Looking around him out of habit, the Captain then attempts to look nonplussed at Kori's nearly-accurate description of what he gets up to a good amount of time when not blazing about with spangly gear and starry shield.
"Those are good films. He's one suave character, that Bond. Always gets the dame." He smirks almost to himself. "I think that's fair, however, saying that I work for an embassy. Perhaps…diplomatic representative would be best," Steve allows, his laughter found in the small lines about his eyes.
"I have some cultural issues with them and find some aspects puzzling because I do not understand the things they reference," Starfire admits with a sigh. "And I find it unusual the female characters are typically quite predictable and unimportant to the narrative.
"But I /do/ like the elements of morality they impart regarding justice and the value of doing the right thing despite personal risk. There could be more songs though. I do like a nice musical number. Perhaps I shall find the time to learn a local musical instroment. Friend Gwen had many in her basement. I'm sure she wouldn't mind if I give them a go."
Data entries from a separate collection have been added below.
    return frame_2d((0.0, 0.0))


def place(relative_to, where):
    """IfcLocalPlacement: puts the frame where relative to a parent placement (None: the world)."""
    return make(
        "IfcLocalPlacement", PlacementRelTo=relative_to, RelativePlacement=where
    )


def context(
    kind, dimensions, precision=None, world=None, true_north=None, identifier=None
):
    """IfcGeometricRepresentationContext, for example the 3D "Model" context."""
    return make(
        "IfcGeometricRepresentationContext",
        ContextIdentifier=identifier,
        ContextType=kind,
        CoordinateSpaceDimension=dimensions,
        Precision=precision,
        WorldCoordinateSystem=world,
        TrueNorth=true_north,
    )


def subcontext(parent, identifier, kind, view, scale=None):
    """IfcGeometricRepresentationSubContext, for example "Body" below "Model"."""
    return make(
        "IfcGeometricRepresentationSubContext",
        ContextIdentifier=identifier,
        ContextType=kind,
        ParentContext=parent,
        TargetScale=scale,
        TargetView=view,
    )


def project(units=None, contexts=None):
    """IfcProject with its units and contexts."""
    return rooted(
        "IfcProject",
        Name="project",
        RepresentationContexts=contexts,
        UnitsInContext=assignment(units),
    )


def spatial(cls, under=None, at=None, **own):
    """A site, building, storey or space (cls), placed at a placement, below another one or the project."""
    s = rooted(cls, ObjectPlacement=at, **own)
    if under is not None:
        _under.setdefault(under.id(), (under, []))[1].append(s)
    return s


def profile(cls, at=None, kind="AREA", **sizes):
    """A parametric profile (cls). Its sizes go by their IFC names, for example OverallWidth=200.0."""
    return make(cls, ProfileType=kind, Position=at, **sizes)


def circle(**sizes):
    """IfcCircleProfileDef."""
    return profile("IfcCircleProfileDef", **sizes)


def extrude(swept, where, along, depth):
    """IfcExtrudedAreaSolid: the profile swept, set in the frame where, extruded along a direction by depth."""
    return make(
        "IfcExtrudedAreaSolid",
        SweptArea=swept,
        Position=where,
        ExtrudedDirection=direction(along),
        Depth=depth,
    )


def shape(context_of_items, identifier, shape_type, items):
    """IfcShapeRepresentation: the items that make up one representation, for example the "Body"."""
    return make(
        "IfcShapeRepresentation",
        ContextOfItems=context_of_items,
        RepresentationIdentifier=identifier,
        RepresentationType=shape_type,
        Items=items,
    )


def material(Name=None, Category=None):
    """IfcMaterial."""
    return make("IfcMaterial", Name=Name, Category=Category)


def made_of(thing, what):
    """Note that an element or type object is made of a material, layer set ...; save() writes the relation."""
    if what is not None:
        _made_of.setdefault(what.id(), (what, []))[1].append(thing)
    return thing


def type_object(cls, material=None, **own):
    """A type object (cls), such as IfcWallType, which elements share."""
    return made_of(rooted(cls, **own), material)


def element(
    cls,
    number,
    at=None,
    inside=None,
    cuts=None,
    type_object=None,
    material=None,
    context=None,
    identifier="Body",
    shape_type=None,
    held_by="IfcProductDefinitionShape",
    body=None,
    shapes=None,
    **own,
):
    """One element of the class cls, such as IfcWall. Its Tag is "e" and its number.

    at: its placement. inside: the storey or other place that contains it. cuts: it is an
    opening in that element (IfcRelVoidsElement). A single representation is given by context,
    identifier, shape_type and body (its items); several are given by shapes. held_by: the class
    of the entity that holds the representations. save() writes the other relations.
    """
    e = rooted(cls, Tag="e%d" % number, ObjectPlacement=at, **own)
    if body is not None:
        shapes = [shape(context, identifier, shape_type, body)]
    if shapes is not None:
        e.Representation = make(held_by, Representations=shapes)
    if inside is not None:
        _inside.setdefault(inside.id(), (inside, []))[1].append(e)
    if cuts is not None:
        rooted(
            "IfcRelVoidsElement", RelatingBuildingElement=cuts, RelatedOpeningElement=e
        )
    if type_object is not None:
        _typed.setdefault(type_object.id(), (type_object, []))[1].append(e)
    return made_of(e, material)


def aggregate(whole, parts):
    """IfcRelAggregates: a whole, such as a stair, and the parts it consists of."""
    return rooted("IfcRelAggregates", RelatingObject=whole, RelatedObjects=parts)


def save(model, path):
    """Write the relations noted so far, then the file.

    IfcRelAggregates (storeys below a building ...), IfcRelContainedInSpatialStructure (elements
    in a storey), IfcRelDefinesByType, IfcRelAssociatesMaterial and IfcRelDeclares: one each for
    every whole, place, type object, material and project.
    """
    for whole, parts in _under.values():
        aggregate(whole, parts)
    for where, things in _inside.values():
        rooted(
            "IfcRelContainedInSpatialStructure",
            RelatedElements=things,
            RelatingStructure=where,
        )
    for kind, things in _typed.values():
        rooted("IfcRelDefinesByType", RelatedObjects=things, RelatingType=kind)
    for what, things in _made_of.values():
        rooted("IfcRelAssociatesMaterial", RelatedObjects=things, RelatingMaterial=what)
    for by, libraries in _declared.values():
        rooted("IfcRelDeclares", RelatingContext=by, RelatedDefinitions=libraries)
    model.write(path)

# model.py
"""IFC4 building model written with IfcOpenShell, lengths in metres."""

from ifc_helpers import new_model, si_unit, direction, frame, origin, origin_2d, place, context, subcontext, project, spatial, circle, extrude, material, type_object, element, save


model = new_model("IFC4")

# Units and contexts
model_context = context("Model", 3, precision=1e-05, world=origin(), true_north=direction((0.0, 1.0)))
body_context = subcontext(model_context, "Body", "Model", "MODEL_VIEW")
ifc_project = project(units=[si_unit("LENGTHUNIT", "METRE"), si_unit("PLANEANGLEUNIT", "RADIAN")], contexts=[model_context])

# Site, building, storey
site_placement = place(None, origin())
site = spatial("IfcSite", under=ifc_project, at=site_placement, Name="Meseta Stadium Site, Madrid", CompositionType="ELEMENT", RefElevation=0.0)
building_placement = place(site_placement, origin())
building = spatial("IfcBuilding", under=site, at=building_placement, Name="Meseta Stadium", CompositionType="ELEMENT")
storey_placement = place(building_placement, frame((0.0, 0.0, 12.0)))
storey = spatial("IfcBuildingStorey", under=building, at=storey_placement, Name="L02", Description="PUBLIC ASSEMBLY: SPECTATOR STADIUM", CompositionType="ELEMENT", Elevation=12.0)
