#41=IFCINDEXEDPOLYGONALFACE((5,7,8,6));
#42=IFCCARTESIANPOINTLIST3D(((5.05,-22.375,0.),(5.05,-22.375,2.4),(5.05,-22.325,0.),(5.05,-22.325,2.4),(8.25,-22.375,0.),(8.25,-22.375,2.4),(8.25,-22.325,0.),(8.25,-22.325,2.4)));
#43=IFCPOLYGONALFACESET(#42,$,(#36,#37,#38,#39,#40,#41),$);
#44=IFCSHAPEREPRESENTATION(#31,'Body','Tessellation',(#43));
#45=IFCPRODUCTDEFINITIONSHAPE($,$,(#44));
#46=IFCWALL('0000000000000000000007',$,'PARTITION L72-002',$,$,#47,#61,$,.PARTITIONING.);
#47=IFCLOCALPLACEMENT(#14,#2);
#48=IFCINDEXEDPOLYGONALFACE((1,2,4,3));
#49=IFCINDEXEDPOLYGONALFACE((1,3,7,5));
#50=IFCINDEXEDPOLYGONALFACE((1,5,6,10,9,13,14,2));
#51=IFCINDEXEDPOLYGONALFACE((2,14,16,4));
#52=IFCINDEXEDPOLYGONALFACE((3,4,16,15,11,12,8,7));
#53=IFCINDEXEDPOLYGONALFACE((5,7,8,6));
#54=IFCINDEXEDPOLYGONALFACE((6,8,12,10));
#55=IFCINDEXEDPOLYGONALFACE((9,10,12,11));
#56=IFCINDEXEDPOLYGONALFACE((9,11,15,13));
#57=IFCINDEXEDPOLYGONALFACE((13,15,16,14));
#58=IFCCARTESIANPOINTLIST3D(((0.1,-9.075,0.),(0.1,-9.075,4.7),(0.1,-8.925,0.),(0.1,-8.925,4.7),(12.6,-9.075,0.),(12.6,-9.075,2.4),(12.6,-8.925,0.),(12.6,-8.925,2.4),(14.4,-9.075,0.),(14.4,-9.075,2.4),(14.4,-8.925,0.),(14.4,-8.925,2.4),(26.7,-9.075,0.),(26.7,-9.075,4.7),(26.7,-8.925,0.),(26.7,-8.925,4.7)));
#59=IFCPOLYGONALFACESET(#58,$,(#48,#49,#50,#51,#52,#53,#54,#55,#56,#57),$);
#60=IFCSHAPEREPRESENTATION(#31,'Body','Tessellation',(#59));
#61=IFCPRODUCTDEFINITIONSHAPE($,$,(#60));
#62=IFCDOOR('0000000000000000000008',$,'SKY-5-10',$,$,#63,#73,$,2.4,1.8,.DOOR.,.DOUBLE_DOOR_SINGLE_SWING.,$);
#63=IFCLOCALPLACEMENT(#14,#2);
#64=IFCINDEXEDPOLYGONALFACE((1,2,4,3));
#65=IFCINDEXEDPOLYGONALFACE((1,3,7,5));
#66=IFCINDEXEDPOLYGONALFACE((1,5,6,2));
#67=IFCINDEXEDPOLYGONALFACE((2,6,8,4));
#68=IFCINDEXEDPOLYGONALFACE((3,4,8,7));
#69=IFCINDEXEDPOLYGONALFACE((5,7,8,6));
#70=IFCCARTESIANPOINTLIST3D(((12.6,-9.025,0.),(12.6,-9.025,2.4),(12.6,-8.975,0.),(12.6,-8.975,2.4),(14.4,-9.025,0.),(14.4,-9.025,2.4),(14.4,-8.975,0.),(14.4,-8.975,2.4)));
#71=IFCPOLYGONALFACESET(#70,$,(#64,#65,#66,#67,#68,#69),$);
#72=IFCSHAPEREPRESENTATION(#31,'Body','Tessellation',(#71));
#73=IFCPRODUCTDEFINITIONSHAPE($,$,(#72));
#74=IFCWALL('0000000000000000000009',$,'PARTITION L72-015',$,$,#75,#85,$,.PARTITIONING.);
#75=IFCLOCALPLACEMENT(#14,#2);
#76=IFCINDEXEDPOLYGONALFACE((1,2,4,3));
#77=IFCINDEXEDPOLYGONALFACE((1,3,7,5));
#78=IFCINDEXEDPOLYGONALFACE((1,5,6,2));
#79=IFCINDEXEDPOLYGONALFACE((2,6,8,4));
"Maybe one day they might take the risk and make a musical Bond movie. It's possible. The world is changing quickly these days. I don't disagree with you, however," and Steve's entire mein takes on a mildly melancholy note. "They could use a strong female spy in those movies. They underestimate what she can do." He realizes that he's probably staring vaguely at Kori now and comes to as he dredges himself up from the sudden rush of memories. A short sigh and he gives her a winning if reserved smile.
"Pardon me, Kori. I meant for this to be a short shopping trip. I have to go into the office still and the cold stuff needs to get into the fridge." Indeed, the milk is already beginning to noticeably warm up. "It was good seeing you. I'll be sure to say hello if I see you again. Good luck with your cheese straws."
"It was very nice meeting you again friend Steve," Starfire enthuses, beginning to push her trolley towards the check out area. "And yes, I had forgotten that many of these ingrediants will spoil if I do not get them back quickly too. Thank you for reminding me! I will have to ensure I fly quickly. If you run into friend Jennifer before I do send her my regards! And if not then I shall send her yours."